Bereits am 9. April 2013 habe er den Komplizen zur Ausspionierung der Wohnung
vorbeigeschickt. Dieser habe sich bei B____ als Angestellter der
Liegenschaftsverwaltung ausgegeben, sei aber von dieser nicht eingelassen
worden, weil er den Namen der Liegenschaftsverwaltung nicht habe angeben können.
Am Tattag hätten
die beiden an der Wohnungstüre von B____ geklingelt. Als diese geöffnet habe,
hätten sie „Polizei“ gesagt und B____ in die Wohnung zurückgedrängt. Der
Komplize habe B____ mit einem Elektroschockgerät attackiert und ihr gegen den
ganzen Körper, insbesondere im Bereich des Kopfes und des Ohres und der Herzregion,
zahlreiche Stromstösse versetzt, worauf B____ kurzzeitig sogar das Bewusstsein
verloren habe. Zudem habe er sie gewaltsam zu Boden gedrückt. Als sie wieder zu
sich gekommen sei, habe der Komplize des Beschuldigten B____ angeschrien: „Wo
ist das Geld, wo sind die Drogen?“.
Während der
Komplize des Beschuldigten sein Opfer mit Stromstössen traktiert habe, habe der
Beschuldigte die Wohnung in der Absicht, sich unrechtmässig zu bereichern,
durchsuchen wollen. Als er sich in Richtung Küche begeben habe, sei er –vermutlich
unerwartet – auf den Lebensgefährten von B____, C____, gestossen, der aus dem
Schlafzimmer herausgetreten sei. Daraufhin habe er zwei Messer aus der Küche
behändigt und diese C____ an den Hals gehalten. Dann habe er ihn zu Boden
gedrückt und ins Entrée der Wohnung geschleift, wo auch B____ am Boden gelegen sei.
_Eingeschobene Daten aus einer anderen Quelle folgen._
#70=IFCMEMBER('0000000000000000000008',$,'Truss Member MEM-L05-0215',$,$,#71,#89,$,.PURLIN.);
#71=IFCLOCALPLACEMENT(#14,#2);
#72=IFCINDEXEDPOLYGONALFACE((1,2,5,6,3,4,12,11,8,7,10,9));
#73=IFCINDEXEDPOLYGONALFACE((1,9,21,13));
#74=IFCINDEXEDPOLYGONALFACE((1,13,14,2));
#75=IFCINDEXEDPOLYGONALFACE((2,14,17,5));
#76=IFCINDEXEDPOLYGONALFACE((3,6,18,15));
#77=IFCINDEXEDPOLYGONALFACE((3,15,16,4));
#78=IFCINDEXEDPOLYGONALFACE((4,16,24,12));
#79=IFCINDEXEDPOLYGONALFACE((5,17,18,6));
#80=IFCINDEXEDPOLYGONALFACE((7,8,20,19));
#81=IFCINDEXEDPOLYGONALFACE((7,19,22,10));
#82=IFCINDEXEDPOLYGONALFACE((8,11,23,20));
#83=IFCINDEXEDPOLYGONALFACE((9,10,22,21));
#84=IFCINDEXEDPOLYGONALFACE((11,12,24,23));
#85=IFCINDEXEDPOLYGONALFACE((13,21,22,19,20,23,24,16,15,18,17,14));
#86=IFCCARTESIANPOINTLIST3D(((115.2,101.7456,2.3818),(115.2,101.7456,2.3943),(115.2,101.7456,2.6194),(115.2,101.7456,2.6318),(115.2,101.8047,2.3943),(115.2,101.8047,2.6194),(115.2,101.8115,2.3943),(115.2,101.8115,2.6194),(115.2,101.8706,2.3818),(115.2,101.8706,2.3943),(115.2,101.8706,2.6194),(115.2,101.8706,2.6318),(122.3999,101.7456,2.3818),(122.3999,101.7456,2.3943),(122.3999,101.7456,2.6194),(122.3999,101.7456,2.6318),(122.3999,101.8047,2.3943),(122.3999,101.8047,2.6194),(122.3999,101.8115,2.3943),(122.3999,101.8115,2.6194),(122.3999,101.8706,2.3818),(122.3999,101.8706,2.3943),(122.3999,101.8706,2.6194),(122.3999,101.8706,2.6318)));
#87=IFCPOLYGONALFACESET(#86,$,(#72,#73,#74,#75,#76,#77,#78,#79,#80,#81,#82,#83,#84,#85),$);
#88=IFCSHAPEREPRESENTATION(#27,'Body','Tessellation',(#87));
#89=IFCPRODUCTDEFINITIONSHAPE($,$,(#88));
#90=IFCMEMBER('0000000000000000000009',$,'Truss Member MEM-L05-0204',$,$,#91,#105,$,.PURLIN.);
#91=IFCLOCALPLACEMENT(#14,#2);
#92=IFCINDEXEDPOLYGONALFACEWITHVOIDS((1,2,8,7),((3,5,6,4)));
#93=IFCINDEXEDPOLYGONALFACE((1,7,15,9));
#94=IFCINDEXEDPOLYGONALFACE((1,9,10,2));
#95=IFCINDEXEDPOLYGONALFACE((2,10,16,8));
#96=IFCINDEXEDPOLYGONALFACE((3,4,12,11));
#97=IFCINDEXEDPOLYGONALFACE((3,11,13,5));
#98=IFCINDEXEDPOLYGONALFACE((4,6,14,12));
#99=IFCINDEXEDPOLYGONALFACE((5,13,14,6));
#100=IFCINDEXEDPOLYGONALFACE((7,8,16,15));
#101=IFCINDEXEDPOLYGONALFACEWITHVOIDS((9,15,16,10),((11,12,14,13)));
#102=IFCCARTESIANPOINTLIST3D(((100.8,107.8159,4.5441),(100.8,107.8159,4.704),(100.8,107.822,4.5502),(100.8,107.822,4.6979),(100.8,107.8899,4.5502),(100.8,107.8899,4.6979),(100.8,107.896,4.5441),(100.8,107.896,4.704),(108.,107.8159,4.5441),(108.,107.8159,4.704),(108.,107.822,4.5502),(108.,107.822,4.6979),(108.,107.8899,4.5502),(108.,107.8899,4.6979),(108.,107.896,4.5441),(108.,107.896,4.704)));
Er habe ihm den Fuss auf das Gesicht und weiterhin das Messer an den Hals
gedrückt und ihm damit gedroht, dass er ihn umbringen würde, wenn er sich
bewegen würde. In der Folge habe er oder sein Komplize B____ damit gedroht,
ihren Lebenspartner umzubringen, falls sie ihnen nicht bekanntgebe, wo sich das
Geld und die Drogen befänden. Während der Beschuldigte oder sein Komplize diese
Worte sagten, habe sich der Komplize auf B____ gesetzt – welche ihm immer wieder
entgegnet habe, dass sie von nichts wisse – und habe sie erneut mehrfach am
ganzen Körper mit dem Elektroschockgerät traktiert (insgesamt ungefähr 50 Stromstösse).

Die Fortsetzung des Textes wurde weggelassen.